HAVANNA, Kuba –
Das sozialistische Kuba, Geburtsort der Salsa und anderer Rhythmen, die die Welt erobert haben, kapituliert nun vor der Invasion der südkoreanischen Popmusik.
Dreizehntausend Kilometer trennen das asiatische Land von der kommunistisch regierten Insel, ebenso wie eine andere Sprache und kulturelle Traditionen. Doch dank des mitreißenden Beats und der aufwendigen Choreographie des K-Pop scheinen all diese Barrieren im Bruchteil einer Sekunde zu verschwinden.
Die koreanische Popmusik, auch K-Pop genannt, hat sich von ihren asiatischen Wurzeln aus weit verbreitet, da Boybands wie BTS und NCT sowie ihr weibliches Gegenstück Blackpink weltweit mit Taylor Swift in Sachen Downloads und Albumverkäufen konkurrieren.
In Kuba allerdings, wo Salsa der Renner ist und die Internetgeschwindigkeiten bis vor kurzem minimal waren, hat sich die Technologie nur langsam durchgesetzt.
Fernab von Seoul zeigten am Samstag Dutzende Teenager in Karomuster, Privatschulröcken, weiten Bomberhosen und dickem schwarzen Eyeliner ihre besten Moves, während auf einer großen Leinwand in einem Tanzclub in Havanna Bilder der Idole des Genres projiziert wurden.
„K-Pop hat mir eine neue Welt eröffnet“, sagte der 24-jährige Fransico Piedra, der, wenn er nicht gerade mit seinem Vater als Schmied arbeitet, sich akribische Tanzschritte ausdenkt. Bekannt unter seinem Künstlernamen Ken, strebt er eines Tages danach, ein professioneller K-Pop-Choreograf zu werden. „Es ist ein Ort, an dem ich ich selbst sein und mit Freunden die Freude am Lachen, Singen und Tanzen teilen kann.“
Viele der Teenager hoffen, in die Fußstapfen zweier kubanischer Gruppen – Limitless und LTX – zu treten, die vor der Pandemie nach Südkorea reisten, um am K-POP World Festival, einem jährlichen Talentwettbewerb, teilzunehmen.
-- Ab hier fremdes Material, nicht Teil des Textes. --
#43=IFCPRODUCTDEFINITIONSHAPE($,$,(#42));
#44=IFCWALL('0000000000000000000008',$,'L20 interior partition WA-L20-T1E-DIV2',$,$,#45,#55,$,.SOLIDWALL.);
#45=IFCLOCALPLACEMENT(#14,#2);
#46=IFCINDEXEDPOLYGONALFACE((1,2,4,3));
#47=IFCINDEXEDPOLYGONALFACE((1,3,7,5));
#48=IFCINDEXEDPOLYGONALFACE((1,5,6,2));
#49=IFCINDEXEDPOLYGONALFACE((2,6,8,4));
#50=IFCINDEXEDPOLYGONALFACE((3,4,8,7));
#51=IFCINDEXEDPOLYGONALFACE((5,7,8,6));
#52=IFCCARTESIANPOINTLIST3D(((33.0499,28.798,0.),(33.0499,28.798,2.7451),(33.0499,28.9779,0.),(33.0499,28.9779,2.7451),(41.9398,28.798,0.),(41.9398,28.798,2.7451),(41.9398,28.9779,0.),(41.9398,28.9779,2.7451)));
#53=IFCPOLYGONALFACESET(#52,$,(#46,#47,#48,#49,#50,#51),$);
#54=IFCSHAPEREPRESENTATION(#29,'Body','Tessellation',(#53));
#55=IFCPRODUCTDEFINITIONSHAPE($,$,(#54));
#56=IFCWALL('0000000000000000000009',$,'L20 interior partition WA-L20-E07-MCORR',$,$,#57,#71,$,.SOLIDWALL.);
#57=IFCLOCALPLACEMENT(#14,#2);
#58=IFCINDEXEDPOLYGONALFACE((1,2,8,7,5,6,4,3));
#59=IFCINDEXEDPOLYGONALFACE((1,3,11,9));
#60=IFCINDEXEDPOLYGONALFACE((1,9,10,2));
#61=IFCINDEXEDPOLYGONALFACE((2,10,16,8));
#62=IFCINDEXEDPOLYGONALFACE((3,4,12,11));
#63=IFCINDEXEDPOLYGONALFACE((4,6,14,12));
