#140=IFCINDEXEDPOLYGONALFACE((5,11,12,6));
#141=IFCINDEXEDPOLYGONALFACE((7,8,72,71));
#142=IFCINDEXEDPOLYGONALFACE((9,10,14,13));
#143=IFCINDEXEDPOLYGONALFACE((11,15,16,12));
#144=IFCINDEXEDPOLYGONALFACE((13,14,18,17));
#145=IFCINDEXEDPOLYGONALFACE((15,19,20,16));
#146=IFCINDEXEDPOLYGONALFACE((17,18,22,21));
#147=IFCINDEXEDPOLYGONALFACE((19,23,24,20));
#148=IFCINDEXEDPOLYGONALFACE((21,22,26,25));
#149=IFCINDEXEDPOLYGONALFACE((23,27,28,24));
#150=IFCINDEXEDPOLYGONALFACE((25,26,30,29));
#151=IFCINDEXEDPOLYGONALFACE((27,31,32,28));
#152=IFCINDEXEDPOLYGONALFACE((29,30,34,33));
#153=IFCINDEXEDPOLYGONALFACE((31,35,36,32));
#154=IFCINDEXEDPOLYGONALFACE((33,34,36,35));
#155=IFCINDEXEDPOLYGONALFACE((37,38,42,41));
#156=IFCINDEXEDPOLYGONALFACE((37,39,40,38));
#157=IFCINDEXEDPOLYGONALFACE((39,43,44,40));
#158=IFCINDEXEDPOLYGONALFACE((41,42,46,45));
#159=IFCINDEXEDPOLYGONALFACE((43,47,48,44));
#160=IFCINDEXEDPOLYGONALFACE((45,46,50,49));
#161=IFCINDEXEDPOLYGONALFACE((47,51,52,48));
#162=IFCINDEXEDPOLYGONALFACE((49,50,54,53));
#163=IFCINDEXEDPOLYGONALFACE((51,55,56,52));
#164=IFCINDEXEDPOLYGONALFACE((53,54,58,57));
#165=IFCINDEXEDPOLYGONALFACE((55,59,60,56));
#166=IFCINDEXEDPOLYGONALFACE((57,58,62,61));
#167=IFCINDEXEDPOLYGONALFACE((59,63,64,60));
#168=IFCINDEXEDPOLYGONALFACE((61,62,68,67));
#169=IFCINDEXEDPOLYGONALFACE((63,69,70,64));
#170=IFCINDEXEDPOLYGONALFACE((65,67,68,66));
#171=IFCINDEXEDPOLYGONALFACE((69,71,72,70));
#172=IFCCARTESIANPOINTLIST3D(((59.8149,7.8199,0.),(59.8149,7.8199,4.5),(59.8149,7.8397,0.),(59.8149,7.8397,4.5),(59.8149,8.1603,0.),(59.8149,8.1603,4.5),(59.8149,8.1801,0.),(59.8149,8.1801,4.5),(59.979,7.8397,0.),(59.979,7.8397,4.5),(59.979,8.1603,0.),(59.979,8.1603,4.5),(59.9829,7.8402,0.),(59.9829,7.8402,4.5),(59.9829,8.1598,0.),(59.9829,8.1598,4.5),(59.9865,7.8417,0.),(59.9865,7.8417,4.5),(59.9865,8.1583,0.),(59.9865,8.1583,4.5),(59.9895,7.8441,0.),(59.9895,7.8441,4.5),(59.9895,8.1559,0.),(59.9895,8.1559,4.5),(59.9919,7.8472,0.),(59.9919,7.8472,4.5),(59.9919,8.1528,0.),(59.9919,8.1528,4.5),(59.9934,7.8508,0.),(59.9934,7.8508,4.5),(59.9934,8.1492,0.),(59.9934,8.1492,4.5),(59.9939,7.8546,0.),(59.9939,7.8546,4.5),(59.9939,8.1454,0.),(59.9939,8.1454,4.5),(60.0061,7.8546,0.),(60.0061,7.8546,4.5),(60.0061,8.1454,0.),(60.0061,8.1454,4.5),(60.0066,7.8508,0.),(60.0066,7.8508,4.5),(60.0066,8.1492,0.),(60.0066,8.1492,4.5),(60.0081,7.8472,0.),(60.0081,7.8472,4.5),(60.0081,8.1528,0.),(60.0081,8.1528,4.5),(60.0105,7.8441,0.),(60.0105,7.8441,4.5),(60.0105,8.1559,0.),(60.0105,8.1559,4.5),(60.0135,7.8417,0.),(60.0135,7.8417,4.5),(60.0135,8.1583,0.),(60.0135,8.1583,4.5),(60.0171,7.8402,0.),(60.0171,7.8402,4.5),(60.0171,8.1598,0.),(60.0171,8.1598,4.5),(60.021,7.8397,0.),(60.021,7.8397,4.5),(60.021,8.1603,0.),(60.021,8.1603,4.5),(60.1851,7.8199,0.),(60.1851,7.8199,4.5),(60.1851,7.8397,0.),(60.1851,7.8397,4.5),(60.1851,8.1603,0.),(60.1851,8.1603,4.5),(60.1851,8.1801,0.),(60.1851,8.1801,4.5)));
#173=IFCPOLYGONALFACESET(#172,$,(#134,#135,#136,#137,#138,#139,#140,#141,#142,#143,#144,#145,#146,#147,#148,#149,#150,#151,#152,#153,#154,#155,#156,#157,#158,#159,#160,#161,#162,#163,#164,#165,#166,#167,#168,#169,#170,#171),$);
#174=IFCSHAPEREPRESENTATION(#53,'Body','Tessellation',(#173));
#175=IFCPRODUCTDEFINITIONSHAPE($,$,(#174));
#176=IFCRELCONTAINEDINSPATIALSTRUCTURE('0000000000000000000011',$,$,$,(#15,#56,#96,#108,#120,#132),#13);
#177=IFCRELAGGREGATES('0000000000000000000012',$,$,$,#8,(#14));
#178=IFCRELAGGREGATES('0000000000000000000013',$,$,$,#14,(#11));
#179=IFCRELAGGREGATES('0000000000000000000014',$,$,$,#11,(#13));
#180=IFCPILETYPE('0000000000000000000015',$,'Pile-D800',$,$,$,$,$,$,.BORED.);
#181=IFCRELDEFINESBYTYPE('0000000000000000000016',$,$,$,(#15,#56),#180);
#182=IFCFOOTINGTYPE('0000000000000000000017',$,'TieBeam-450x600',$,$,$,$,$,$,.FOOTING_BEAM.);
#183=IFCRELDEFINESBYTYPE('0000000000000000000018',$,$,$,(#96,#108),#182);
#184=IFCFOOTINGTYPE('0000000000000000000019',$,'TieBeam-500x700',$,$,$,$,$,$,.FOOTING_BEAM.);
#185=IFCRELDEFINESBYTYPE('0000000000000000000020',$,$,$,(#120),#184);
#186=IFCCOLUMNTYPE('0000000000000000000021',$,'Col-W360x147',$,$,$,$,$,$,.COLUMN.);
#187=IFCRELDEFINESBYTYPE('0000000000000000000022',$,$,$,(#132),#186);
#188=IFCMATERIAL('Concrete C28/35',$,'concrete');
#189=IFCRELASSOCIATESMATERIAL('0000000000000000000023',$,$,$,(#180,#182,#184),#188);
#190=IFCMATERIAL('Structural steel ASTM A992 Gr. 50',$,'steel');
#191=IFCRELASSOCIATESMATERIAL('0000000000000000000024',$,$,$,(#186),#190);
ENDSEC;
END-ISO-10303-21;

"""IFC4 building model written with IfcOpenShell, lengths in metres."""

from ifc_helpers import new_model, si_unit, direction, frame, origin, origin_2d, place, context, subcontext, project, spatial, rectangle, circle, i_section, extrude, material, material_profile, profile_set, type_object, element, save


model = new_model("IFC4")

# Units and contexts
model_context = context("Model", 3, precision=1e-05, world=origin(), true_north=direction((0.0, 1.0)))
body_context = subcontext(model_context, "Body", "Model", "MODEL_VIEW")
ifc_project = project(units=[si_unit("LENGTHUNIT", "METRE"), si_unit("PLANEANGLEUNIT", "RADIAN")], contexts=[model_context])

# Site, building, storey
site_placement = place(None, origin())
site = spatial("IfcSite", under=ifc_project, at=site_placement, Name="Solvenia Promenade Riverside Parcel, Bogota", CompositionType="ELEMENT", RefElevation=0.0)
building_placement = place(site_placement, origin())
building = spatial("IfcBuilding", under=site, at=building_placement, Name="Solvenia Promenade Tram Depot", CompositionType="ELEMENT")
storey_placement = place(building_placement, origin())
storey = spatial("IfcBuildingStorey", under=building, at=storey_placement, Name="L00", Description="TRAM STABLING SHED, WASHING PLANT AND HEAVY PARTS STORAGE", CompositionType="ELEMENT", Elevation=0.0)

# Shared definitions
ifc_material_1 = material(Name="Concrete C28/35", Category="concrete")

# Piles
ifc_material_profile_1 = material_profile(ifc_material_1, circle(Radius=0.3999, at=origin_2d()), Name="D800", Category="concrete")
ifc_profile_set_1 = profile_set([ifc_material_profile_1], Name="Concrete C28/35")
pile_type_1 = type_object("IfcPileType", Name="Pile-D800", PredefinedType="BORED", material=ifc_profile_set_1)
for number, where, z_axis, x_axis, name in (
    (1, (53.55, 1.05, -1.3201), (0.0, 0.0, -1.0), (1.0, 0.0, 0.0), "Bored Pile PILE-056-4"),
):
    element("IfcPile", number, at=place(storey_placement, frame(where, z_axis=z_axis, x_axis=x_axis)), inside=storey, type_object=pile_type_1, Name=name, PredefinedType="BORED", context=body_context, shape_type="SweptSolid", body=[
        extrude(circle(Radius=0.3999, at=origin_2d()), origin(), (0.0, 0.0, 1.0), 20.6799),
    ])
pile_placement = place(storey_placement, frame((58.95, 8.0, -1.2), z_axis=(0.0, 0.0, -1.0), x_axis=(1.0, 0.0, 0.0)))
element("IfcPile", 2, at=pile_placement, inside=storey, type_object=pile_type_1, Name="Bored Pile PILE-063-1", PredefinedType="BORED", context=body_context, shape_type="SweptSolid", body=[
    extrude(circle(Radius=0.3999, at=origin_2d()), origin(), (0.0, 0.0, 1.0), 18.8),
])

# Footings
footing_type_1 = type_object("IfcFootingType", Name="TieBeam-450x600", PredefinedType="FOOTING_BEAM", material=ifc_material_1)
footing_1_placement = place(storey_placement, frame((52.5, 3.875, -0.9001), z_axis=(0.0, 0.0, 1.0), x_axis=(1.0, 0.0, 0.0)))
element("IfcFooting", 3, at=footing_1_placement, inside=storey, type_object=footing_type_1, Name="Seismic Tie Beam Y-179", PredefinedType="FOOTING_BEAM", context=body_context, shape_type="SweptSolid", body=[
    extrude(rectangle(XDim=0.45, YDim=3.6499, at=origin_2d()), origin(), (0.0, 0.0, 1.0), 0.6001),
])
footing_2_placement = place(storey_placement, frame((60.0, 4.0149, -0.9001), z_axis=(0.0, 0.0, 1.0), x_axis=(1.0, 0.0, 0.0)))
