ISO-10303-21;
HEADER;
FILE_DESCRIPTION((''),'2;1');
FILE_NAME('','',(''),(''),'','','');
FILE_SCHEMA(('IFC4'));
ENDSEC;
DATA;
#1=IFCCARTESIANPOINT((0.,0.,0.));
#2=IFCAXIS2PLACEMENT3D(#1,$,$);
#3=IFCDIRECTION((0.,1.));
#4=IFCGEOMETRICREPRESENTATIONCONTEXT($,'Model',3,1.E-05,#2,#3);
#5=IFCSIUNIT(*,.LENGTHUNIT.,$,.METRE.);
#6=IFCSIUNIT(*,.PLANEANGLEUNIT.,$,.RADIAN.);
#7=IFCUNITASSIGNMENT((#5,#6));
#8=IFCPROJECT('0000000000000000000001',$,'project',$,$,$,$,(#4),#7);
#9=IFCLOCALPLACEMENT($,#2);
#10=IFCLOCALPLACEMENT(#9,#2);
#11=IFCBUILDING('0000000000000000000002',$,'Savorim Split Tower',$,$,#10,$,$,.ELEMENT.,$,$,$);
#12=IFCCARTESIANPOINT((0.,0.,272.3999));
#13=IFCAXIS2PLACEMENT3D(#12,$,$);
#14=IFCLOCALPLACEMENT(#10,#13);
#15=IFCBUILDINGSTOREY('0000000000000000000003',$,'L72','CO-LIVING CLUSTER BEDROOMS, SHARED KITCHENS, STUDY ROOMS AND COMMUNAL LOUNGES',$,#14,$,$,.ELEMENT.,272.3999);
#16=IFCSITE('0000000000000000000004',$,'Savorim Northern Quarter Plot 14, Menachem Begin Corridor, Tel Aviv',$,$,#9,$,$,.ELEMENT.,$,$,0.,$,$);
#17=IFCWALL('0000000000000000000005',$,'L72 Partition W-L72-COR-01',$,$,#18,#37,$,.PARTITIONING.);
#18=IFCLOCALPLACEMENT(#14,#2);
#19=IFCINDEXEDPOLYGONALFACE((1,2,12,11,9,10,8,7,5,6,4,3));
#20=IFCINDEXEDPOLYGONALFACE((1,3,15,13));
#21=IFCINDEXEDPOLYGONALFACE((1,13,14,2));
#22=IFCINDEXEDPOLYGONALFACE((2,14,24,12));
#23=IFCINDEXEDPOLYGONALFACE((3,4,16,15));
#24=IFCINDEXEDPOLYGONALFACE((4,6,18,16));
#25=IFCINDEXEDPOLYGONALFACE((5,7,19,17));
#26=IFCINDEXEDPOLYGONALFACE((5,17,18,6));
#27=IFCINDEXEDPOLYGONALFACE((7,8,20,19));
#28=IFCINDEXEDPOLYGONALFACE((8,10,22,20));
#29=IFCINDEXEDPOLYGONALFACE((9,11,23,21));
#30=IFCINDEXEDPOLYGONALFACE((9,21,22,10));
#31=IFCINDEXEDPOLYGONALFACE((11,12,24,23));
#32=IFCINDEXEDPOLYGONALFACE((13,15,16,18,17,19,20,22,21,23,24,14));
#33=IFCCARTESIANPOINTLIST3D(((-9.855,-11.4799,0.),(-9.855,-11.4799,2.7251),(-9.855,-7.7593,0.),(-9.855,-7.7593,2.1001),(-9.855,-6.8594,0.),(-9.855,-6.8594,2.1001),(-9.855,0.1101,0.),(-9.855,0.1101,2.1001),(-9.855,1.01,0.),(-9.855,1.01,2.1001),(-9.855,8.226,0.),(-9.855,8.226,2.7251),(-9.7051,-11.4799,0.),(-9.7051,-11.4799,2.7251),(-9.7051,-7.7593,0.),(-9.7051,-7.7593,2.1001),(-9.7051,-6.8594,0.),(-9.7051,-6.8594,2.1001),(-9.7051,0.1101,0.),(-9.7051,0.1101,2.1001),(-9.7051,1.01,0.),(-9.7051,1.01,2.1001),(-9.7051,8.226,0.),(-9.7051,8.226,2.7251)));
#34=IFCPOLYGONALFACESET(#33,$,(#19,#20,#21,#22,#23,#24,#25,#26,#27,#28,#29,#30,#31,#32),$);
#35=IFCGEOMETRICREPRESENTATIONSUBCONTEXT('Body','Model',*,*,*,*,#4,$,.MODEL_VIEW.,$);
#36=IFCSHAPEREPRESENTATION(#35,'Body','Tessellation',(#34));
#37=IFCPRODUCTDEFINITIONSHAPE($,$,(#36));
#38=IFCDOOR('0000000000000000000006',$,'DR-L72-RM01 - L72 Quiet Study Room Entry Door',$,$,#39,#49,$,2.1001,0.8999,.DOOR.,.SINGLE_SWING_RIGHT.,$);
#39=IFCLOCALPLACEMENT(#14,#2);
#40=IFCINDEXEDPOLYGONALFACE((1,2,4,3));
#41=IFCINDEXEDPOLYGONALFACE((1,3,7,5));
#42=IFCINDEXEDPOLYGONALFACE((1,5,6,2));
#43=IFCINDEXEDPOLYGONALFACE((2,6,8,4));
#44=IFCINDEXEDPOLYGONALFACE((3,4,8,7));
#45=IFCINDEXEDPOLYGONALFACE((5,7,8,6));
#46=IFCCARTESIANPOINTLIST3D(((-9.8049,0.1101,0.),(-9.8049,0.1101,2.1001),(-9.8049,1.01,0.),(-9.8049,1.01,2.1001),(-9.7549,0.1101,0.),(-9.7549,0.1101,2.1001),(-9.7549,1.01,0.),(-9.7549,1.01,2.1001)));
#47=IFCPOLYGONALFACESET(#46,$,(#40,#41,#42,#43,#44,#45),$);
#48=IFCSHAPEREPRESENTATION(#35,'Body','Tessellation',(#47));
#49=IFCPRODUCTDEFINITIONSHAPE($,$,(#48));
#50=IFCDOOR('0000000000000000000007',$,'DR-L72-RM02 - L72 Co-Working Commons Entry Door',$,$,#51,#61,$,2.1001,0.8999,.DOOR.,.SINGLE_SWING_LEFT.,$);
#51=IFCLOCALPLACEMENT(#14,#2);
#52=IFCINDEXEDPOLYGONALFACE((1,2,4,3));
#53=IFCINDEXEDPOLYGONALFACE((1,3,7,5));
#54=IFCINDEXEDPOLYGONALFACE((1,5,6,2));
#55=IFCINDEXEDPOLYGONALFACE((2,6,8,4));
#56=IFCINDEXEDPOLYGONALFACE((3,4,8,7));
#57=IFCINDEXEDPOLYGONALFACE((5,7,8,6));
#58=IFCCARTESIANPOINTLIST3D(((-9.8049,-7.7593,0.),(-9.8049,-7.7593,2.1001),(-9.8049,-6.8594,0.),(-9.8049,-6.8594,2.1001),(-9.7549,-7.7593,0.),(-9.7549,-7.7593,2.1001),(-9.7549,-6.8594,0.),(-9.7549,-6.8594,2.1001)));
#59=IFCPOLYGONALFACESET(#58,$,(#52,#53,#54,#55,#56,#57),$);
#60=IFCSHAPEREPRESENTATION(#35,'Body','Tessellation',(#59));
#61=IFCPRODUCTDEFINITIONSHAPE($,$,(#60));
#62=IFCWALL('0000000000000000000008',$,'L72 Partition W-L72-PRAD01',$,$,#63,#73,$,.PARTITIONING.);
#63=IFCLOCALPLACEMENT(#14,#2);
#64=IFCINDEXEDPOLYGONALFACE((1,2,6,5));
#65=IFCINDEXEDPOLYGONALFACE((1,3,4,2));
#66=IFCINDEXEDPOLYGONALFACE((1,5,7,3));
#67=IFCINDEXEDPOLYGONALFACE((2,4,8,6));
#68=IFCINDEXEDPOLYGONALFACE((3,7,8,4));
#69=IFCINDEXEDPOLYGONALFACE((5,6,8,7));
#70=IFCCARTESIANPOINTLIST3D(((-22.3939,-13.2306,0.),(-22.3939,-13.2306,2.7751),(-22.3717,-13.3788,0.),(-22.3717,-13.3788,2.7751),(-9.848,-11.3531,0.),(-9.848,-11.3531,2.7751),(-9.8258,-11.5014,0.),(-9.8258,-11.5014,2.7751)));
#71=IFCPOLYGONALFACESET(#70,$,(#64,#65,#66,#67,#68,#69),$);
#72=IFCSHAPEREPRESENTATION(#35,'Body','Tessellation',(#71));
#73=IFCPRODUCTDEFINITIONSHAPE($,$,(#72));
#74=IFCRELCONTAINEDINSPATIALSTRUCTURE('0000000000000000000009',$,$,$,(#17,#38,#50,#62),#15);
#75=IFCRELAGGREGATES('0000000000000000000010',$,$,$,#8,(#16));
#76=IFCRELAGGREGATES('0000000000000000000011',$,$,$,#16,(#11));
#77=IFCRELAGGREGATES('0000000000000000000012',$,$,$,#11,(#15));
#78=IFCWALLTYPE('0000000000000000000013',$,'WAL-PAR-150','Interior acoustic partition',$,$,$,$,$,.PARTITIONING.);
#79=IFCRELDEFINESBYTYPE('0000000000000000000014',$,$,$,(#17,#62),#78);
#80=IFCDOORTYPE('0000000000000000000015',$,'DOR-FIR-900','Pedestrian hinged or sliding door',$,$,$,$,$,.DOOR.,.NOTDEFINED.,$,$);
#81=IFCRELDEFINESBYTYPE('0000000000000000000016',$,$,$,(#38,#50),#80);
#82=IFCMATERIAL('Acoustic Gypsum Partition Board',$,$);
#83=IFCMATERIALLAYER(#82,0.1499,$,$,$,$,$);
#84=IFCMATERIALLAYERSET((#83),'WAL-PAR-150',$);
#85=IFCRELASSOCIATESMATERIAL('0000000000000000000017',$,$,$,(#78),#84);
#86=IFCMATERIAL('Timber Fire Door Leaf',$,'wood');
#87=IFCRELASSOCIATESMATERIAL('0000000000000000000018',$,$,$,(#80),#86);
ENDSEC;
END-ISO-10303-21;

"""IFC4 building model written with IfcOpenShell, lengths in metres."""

from ifc_helpers import new_model, si_unit, direction, frame, frame_2d, origin, place, context, subcontext, project, spatial, rectangle, extrude, material, layer, layer_set, type_object, element, fill, save


model = new_model("IFC4")

# Units and contexts
model_context = context("Model", 3, precision=1e-05, world=origin(), true_north=direction((0.0, 1.0)))
body_context = subcontext(model_context, "Body", "Model", "MODEL_VIEW")
ifc_project = project(units=[si_unit("LENGTHUNIT", "METRE"), si_unit("PLANEANGLEUNIT", "RADIAN")], contexts=[model_context])

# Site, building, storey
site_placement = place(None, origin())
site = spatial("IfcSite", under=ifc_project, at=site_placement, Name="Savorim Northern Quarter Plot 14, Menachem Begin Corridor, Tel Aviv", CompositionType="ELEMENT", RefElevation=0.0)
building_placement = place(site_placement, origin())
building = spatial("IfcBuilding", under=site, at=building_placement, Name="Savorim Split Tower", CompositionType="ELEMENT")
storey_placement = place(building_placement, frame((0.0, 0.0, 272.3999)))
storey = spatial("IfcBuildingStorey", under=building, at=storey_placement, Name="L72", Description="CO-LIVING CLUSTER BEDROOMS, SHARED KITCHENS, STUDY ROOMS AND COMMUNAL LOUNGES", CompositionType="ELEMENT", Elevation=272.3999)

# Shared definitions
ifc_material_1 = material(Name="Timber Fire Door Leaf", Category="wood")

# Wall, openings, doors
ifc_material_2 = material(Name="Acoustic Gypsum Partition Board")
ifc_layer_1 = layer(ifc_material_2, 0.1499)
ifc_layer_set_1 = layer_set([ifc_layer_1], Name="WAL-PAR-150")
wall_type_1 = type_object("IfcWallType", Name="WAL-PAR-150", Description="Interior acoustic partition", PredefinedType="PARTITIONING", material=ifc_layer_set_1)
wall_1_placement = place(storey_placement, frame((-9.78, -11.48, 0.0), z_axis=(0.0, 0.0, 1.0), x_axis=(0.0, 1.0, 0.0)))
wall_1 = element("IfcWall", 1, at=wall_1_placement, inside=storey, type_object=wall_type_1, Name="L72 Partition W-L72-COR-01", PredefinedType="PARTITIONING", context=body_context, shape_type="SweptSolid", body=[
    extrude(rectangle(XDim=19.7058, YDim=0.1499, at=frame_2d((9.853, 0.0))), origin(), (0.0, 0.0, 1.0), 2.7251),
])
opening_1_placement = place(wall_1_placement, frame((11.5901, 0.0, 0.0)))
opening_1 = element("IfcOpeningElement", 2, at=opening_1_placement, cuts=wall_1, PredefinedType="OPENING", context=body_context, shape_type="SweptSolid", body=[
    extrude(rectangle(XDim=0.8999, YDim=2.1001, at=frame_2d((0.45, 1.05))), frame((0.0, 0.085, 0.0), z_axis=(0.0, -1.0, 0.0), x_axis=(1.0, 0.0, 0.0)), (0.0, 0.0, 1.0), 0.1699),
])
opening_2_placement = place(wall_1_placement, frame((3.7207, 0.0, 0.0)))
opening_2 = element("IfcOpeningElement", 3, at=opening_2_placement, cuts=wall_1, PredefinedType="OPENING", context=body_context, shape_type="SweptSolid", body=[
    extrude(rectangle(XDim=0.8999, YDim=2.1001, at=frame_2d((0.45, 1.05))), frame((0.0, 0.085, 0.0), z_axis=(0.0, -1.0, 0.0), x_axis=(1.0, 0.0, 0.0)), (0.0, 0.0, 1.0), 0.1699),
])
door_type_1 = type_object("IfcDoorType", Name="DOR-FIR-900", Description="Pedestrian hinged or sliding door", OperationType="NOTDEFINED", PredefinedType="DOOR", material=ifc_material_1)
door_1_placement = place(opening_1_placement, origin())
door_1 = element("IfcDoor", 4, at=door_1_placement, inside=storey, type_object=door_type_1, Name="DR-L72-RM01 - L72 Quiet Study Room Entry Door", OperationType="SINGLE_SWING_RIGHT", OverallHeight=2.1001, OverallWidth=0.8999, PredefinedType="DOOR", context=body_context, shape_type="SweptSolid", body=[
    extrude(rectangle(XDim=0.8999, YDim=2.1001, at=frame_2d((0.45, 1.05))), frame((0.0, 0.0249, 0.0), z_axis=(0.0, -1.0, 0.0), x_axis=(1.0, 0.0, 0.0)), (0.0, 0.0, 1.0), 0.05),
])
fill(opening_1, door_1)
door_2_placement = place(opening_2_placement, origin())
door_2 = element("IfcDoor", 5, at=door_2_placement, inside=storey, type_object=door_type_1, Name="DR-L72-RM02 - L72 Co-Working Commons Entry Door", OperationType="SINGLE_SWING_LEFT", OverallHeight=2.1001, OverallWidth=0.8999, PredefinedType="DOOR", context=body_context, shape_type="SweptSolid", body=[
    extrude(rectangle(XDim=0.8999, YDim=2.1001, at=frame_2d((0.45, 1.05))), frame((0.0, 0.0249, 0.0), z_axis=(0.0, -1.0, 0.0), x_axis=(1.0, 0.0, 0.0)), (0.0, 0.0, 1.0), 0.05),
])
fill(opening_2, door_2)

# Wall
wall_2_placement = place(storey_placement, frame((-9.8369, -11.4272, 0.0), z_axis=(0.0, 0.0, 1.0), x_axis=(-0.988988, -0.147998, 0.0)))
element("IfcWall", 6, at=wall_2_placement, inside=storey, type_object=wall_type_1, Name="L72 Partition W-L72-PRAD01", PredefinedType="PARTITIONING", context=body_context, shape_type="SweptSolid", body=[
    extrude(rectangle(XDim=12.6855, YDim=0.1499, at=frame_2d((6.3428, 0.0))), origin(), (0.0, 0.0, 1.0), 2.7751),
])

save(model, "model.ifc")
K-Pop – ein Sammelbegriff für Musikstile von R&B bis Rock – eroberte die Insel erstmals vor etwa einem Jahrzehnt, als sich die Kubaner in südkoreanische Seifenopern verliebten. Als die Internetgeschwindigkeiten besser wurden und die staatlichen Kontrollen gelockert wurden, gingen immer mehr junge Kubaner online und begannen, Videos zu streamen, wie Teenager überall auf der Welt.
Während kubanische Kinder von K-Pop fasziniert sind, pflegt eine ältere Generation von Politikern eher frostige Beziehungen zu Südkorea. Die beiden Länder haben erst in diesem Jahr die diplomatischen Beziehungen wieder aufgenommen, die nach der kubanischen Revolution von 1959 abgebrochen wurden, und haben noch immer keine Botschafter ausgetauscht. Unterdessen bleibt Kuba ein treuer Verbündeter Nordkoreas, das K-Pop als gefährliche Form der Propaganda eines kapitalistischen Feindes betrachtet, mit dem es seit den 1950er Jahren in einem militärischen Patt steckt.